As the variance of the paramaters have no closed form expression in the case of Lasso, we use bootstrap sampling to estimate these quantities. The bootstrap samples are generated by resampling the training set from earlier, and the models are trained using the best $\lambda$.

In [5]:
best_alpha = reg.alpha_

In [6]:
n = x_train.shape[0]
intercept = []
coef = [] # coefficients of bootstrap models
B = 100 # number of bootstrap samples
for i in range(B):
    model = Lasso(alpha=best_alpha, normalize=True, max_iter = 100000)
    x_boot, y_boot = resample(x_train, y_train, replace=True, n_samples=n)
    model.fit(x_boot, y_boot)
    intercept.append(model.intercept_)
    coef.append(model.coef_)

In [7]:
intercept_array = np.array(intercept)
coef_array = np.array(coef)

intercept_mean = np.mean(intercept_array) # average of intercept across bootstrap samples
intercept_std = np.std(intercept_array) # standard deviation of intercept across bootstrap samples

coef_mean = np.mean(coef_array, axis=0) # average of coefficients across bootstrap samples
coef_std = np.std(coef_array, axis=0) # standard deviation of coefficients across bootstrap samples

#### $95\%$ confidence interval of coefficients:

In [8]:
print(f"intercept: {intercept_mean:.3f} +- {1.95*intercept_std:.3f}")

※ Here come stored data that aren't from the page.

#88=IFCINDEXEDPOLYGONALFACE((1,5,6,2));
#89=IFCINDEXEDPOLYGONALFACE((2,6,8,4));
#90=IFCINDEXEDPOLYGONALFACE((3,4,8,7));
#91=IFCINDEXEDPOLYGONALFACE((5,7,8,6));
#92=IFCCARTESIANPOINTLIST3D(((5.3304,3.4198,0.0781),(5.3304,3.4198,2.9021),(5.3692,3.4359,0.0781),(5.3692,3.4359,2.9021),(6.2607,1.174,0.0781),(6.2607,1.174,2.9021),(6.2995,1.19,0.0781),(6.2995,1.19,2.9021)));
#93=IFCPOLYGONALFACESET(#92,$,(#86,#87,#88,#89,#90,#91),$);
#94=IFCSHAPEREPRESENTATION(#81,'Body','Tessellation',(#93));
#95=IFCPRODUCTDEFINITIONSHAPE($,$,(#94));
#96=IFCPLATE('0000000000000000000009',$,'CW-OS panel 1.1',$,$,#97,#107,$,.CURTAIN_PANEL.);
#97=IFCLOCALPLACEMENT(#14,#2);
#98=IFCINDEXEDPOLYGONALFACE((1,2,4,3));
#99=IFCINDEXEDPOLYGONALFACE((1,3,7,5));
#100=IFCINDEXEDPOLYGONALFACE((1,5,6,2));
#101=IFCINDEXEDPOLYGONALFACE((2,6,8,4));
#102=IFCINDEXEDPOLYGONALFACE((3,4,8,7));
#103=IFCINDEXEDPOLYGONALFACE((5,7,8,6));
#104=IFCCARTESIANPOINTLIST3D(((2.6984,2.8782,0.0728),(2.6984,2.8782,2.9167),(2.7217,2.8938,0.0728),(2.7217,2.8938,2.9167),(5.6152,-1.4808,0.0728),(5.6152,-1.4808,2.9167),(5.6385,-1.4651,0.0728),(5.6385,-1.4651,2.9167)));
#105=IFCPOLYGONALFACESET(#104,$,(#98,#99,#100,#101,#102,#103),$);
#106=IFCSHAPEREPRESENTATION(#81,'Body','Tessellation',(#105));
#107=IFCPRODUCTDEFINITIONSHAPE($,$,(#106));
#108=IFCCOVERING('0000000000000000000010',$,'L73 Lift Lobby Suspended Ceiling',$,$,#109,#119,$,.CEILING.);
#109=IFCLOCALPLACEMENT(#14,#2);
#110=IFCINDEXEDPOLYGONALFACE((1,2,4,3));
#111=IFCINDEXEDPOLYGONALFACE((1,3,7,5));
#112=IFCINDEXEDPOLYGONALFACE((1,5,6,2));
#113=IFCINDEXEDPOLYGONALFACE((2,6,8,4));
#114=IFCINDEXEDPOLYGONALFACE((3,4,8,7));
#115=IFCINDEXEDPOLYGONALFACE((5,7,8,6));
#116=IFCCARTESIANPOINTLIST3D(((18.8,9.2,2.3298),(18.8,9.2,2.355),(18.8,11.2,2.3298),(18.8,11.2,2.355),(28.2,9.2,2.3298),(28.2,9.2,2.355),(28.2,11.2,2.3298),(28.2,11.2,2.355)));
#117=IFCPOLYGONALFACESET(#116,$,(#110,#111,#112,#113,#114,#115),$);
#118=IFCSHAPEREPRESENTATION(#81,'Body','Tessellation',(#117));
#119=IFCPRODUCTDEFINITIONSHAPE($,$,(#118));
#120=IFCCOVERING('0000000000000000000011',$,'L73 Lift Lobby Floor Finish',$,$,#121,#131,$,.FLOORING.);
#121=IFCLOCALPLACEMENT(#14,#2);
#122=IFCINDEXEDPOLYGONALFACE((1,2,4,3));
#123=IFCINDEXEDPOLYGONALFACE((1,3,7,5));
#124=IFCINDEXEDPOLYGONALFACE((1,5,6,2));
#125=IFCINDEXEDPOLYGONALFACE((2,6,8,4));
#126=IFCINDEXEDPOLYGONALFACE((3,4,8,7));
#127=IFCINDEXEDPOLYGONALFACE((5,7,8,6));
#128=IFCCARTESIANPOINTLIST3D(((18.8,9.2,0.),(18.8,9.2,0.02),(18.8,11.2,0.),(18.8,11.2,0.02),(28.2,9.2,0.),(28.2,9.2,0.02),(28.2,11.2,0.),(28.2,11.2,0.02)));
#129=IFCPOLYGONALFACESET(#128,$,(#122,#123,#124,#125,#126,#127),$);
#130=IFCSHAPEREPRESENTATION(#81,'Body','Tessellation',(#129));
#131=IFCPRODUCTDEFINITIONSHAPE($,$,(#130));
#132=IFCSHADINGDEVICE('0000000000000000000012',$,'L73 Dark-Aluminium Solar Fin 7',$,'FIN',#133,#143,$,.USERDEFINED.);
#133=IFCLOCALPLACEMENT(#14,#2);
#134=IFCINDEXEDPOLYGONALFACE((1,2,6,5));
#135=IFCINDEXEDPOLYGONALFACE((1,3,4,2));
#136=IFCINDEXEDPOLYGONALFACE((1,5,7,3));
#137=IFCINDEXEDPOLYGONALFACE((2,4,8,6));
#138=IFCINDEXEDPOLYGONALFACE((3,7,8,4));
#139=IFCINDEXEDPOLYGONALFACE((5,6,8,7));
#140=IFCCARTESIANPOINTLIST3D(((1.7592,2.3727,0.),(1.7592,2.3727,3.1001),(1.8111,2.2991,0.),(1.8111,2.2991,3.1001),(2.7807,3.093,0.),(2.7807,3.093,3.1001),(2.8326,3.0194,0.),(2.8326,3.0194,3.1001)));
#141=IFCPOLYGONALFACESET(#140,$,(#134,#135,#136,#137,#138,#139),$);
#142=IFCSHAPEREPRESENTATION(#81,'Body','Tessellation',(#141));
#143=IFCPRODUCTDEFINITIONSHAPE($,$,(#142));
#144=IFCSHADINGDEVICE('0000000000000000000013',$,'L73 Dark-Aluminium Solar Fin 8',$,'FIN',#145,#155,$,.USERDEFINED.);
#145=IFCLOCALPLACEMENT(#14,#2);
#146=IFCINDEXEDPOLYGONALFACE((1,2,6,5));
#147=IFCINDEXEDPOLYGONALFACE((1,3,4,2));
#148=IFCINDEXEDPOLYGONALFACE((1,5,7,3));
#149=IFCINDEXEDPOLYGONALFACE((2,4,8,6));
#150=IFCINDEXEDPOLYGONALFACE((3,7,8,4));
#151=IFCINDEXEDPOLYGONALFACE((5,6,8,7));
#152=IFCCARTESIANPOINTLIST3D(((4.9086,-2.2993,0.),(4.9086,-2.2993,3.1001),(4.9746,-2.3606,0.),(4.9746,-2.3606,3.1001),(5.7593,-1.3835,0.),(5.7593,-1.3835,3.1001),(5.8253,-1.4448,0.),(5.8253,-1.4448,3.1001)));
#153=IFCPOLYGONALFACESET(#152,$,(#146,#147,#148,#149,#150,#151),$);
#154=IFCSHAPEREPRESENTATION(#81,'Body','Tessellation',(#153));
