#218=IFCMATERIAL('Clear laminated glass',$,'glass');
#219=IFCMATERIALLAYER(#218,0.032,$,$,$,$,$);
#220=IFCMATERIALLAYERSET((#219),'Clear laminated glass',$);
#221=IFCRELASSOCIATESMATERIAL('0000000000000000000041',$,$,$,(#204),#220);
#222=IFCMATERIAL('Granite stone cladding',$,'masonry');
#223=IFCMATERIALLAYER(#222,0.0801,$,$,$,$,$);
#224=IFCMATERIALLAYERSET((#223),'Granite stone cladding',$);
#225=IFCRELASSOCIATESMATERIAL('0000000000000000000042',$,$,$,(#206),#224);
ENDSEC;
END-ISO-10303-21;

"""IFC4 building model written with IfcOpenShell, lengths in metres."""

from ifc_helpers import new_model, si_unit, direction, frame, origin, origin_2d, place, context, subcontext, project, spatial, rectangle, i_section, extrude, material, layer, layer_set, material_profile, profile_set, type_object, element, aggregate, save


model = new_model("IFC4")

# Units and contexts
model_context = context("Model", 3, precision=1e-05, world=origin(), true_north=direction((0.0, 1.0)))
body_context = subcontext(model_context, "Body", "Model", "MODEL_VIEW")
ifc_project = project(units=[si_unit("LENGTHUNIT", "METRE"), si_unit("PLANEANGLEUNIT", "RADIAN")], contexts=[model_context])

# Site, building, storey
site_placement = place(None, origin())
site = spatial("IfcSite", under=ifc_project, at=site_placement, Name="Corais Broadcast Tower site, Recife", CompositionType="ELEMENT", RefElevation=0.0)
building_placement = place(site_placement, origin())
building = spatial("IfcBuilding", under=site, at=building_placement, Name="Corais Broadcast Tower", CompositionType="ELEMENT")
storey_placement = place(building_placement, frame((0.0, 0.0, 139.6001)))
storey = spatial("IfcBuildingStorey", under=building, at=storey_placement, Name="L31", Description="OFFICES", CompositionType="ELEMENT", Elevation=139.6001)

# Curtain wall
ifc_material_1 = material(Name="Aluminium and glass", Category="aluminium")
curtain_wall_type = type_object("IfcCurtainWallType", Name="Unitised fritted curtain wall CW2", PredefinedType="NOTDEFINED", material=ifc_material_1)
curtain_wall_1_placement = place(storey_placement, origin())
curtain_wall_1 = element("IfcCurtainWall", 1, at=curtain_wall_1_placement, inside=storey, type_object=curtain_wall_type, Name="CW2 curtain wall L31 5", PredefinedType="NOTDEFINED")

print(f"X1: {coef_mean[0]:.3f} +- {1.95*coef_std[0]:.3f}")
print(f"X2: {coef_mean[1]:.3f} +- {1.95*coef_std[1]:.3f}")
print(f"X3: {coef_mean[2]:.3f} +- {1.95*coef_std[2]:.3f}")
print(f"X4: {coef_mean[3]:.3f} +- {1.95*coef_std[3]:.3f}")
print(f"X5: {coef_mean[4]:.3f} +- {1.95*coef_std[4]:.3f}")
print(f"X6: {coef_mean[5]:.3f} +- {1.95*coef_std[5]:.3f}")
print(f"X7: {coef_mean[6]:.3f} +- {1.95*coef_std[6]:.3f}")
print(f"X8: {coef_mean[7]:.3f} +- {1.95*coef_std[7]:.3f}")

intercept: 76.940 +- 21.782
X1: -60.027 +- 11.975
X2: -0.073 +- 0.019
X3: 0.053 +- 0.011
X4: -0.020 +- 0.006
X5: 4.107 +- 0.695
X6: -0.026 +- 0.223
X7: 20.004 +- 1.928
X8: 0.213 +- 0.134


#### P-values

The p-values of the coefficients are calculated using the standard deviation of the coefficient estimated using bootstrap sampling. The p-values are calculated with respect to one of the bootstrap samples, the first sample in this case(one experiment). The coefficients are assumed to be normally distributed, by the law of large numbers. 

In [9]:
intercept_scaled = intercept_array[0]/intercept_std
coef_scaled = coef_array[0]/coef_std

p_intercept = 2*(1-norm.cdf(np.abs(intercept_scaled)))
p_coef = 2*(1-norm.cdf(np.abs(coef_scaled)))

In [10]:
print(f"intercept: P={p_intercept:.5f}")

print(f"X1: P={p_coef[0]:.5f}")
print(f"X2: P={p_coef[1]:.5f}")
print(f"X3: P={p_coef[2]:.5f}")
print(f"X4: P={p_coef[3]:.5f}")
print(f"X5: P={p_coef[4]:.5f}")
print(f"X6: P={p_coef[5]:.5f}")
print(f"X7: P={p_coef[6]:.5f}")
print(f"X8: P={p_coef[7]:.5f}")

intercept: P=0.00000
X1: P=0.00000
X2: P=0.00000
X3: P=0.00000
X4: P=0.00000
X5: P=0.00000
X6: P=0.33665
X7: P=0.00000
X8: P=0.00001


Comparing the confidence intervals and p-values, we see that all but feature X6 is highly significant. Allthough some of the coefficients have quite wide confidence intervals, such as the intercept and X1, they are still significant as their magnitude are relativly bigger than the width of their confidence interval. X6's confidence interval, on the other hand, contain 0. This indicates that the orientation of the room have very little explanatory power with respect to the heat load of the room.